# Gravy



## In the Kitchen (Nov 19, 2006)

Is there a place for making the gravy for the turkey?  I normally just make w/juice does anyone make w/cornstarch or anything else, if so what is ratio?  I would like to have it perfect this year, no complaints.  Hopefully.  

Thank you


----------



## Alix (Nov 19, 2006)

I usually just do flour and water and use the drippings from the turkey. I tend to drain off some of the fat if there is a lot though. 

So, after I take the turkey out of the roaster, I drain some of the fat off, then I pour in some water or broth or wine and put the roaster on an element and deglaze all the good stuff in the bottom of the roaster. I get that bubbling nicely and I dump in my shaken up flour and water mixture. I do about 2/3 cup flour and a couple cups of water in a jar and shake it til its blended. Then you just stir and add more liquid as needed and you're set.


----------



## In the Kitchen (Nov 19, 2006)

*Alix*

Thank you for your time!  I bet it is always good too, isn't it?  I always want to make Thanksgiving better than the last one.  Must be I am trying to prove something to my family that I am not just going through the motions.  Just like my dogs, want to make me happy!  

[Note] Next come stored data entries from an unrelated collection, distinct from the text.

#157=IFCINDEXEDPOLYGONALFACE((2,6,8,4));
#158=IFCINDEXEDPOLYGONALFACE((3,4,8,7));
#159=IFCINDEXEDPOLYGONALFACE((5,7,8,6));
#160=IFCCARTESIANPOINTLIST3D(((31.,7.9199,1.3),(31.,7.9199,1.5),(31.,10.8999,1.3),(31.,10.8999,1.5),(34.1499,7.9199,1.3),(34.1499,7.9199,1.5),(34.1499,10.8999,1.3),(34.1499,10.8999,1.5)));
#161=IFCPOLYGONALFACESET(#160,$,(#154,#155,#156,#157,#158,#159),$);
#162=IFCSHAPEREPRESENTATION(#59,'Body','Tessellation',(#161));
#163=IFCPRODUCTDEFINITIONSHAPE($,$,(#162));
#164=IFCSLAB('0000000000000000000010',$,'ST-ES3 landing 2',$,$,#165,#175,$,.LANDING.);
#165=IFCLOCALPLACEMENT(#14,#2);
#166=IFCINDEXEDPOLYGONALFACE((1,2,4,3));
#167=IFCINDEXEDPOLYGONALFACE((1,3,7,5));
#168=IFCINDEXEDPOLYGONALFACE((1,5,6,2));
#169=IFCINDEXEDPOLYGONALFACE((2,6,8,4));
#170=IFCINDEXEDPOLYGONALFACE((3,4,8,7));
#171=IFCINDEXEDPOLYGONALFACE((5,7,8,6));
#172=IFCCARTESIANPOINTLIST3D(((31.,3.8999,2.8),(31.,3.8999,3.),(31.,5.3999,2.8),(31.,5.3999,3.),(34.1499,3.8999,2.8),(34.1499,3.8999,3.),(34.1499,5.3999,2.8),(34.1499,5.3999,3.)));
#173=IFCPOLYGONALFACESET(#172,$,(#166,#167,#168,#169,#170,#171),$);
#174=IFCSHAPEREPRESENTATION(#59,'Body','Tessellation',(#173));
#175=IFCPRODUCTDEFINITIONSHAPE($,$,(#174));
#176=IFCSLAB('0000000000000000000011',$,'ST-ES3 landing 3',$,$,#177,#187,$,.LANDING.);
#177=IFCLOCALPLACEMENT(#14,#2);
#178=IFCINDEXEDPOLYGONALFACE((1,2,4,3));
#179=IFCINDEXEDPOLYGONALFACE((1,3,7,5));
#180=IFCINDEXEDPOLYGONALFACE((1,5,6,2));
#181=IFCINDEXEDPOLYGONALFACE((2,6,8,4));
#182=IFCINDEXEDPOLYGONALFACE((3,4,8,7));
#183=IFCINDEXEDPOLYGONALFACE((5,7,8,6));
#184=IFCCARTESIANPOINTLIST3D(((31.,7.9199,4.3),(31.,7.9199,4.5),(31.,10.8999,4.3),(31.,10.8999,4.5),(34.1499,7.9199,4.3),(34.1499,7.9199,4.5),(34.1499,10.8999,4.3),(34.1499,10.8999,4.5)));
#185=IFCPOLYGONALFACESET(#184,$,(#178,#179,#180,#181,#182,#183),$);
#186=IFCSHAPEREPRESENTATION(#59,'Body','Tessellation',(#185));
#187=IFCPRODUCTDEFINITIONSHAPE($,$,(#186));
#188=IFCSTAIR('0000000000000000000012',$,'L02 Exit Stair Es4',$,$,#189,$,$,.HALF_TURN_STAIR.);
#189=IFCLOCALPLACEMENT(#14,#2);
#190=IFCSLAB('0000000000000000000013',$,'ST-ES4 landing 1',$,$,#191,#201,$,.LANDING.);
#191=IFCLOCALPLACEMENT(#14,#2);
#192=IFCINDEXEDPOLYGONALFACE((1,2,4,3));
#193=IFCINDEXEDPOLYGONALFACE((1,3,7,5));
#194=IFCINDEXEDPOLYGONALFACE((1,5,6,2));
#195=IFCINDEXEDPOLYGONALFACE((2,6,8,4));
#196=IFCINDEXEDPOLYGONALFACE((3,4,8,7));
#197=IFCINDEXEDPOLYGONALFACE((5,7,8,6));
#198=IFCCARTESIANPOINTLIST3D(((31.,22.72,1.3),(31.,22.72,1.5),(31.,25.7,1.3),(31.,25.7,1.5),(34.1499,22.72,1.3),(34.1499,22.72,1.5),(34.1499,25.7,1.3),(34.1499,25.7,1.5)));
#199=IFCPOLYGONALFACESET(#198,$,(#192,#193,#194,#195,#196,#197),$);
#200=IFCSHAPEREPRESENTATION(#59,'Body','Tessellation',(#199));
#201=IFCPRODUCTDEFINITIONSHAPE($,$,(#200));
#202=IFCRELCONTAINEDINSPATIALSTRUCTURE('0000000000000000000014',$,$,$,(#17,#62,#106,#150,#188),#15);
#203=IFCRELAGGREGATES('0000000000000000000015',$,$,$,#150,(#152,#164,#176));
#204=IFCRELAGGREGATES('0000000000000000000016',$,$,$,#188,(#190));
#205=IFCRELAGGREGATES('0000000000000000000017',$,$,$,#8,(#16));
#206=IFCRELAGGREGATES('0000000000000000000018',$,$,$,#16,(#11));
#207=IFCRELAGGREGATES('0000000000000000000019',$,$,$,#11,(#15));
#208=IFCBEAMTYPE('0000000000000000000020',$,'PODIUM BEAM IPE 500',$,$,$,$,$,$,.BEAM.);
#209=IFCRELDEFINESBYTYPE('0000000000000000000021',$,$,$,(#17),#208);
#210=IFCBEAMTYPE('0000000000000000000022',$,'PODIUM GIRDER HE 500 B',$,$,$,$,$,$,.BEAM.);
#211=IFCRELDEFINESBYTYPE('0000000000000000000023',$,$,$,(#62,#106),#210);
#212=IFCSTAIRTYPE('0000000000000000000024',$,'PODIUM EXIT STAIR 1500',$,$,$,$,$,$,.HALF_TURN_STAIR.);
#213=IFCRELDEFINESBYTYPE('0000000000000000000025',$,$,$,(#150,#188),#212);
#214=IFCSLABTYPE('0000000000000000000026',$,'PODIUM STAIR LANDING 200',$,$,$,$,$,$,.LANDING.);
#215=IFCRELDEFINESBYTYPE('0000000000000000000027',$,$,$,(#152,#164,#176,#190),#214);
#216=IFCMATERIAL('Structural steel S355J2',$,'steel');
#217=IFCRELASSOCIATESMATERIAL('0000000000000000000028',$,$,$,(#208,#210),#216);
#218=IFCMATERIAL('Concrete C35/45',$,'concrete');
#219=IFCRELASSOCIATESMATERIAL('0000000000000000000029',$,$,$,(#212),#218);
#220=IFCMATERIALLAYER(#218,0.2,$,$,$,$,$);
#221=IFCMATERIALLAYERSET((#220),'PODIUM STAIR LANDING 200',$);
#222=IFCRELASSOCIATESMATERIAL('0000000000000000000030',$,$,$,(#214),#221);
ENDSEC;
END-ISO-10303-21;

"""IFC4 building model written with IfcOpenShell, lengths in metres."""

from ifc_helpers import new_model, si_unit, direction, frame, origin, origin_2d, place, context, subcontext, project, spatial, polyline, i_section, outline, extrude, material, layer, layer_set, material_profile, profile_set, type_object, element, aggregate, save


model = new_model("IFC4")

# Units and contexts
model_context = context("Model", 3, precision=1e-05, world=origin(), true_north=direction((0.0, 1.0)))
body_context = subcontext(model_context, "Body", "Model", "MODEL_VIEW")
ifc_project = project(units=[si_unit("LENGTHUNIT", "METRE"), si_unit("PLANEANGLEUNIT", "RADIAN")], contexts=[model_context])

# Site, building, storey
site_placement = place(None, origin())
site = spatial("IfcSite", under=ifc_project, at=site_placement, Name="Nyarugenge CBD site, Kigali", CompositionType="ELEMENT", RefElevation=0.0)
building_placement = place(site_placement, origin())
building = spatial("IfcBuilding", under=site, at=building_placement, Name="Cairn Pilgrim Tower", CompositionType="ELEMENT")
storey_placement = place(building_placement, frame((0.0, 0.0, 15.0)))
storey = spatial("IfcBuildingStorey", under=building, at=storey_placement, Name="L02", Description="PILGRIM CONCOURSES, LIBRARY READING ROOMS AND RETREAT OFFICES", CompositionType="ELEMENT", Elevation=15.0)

Alix, I sincerely hope you and your family have happy Thanksgiving.  This Thanksgiving I am grateful to have friend like you who always considers my interest and helps whenever she can.  You never seem to think I am crazy or that I don't count.  Wish there were more people like you.  Hope your cat okay.  Don't know how long my dogs will last.  We lost one this year, now have only two left.  You can be sure they will have good Thanksgiving too.


----------



## kitchenelf (Nov 19, 2006)

Sherry is REALLY good to use only AFTER the kids are grown.  Not because of the alcohol but because of the taste - it's not TRADITIONAL enough for their little tastebuds (and attitudes)!  I thought Max was going to have to go to therapy the year I did that!!!!!!!!!


----------



## BigDog (Nov 19, 2006)

If there is enough drippings, then that's all I'll use. If not, I'll add broth/stock or bullion and water if necessary. Add equal portions of (unsalted) butter and flour, maybe some s&p, and that's it. Very simple, and easy to build upon if desired. 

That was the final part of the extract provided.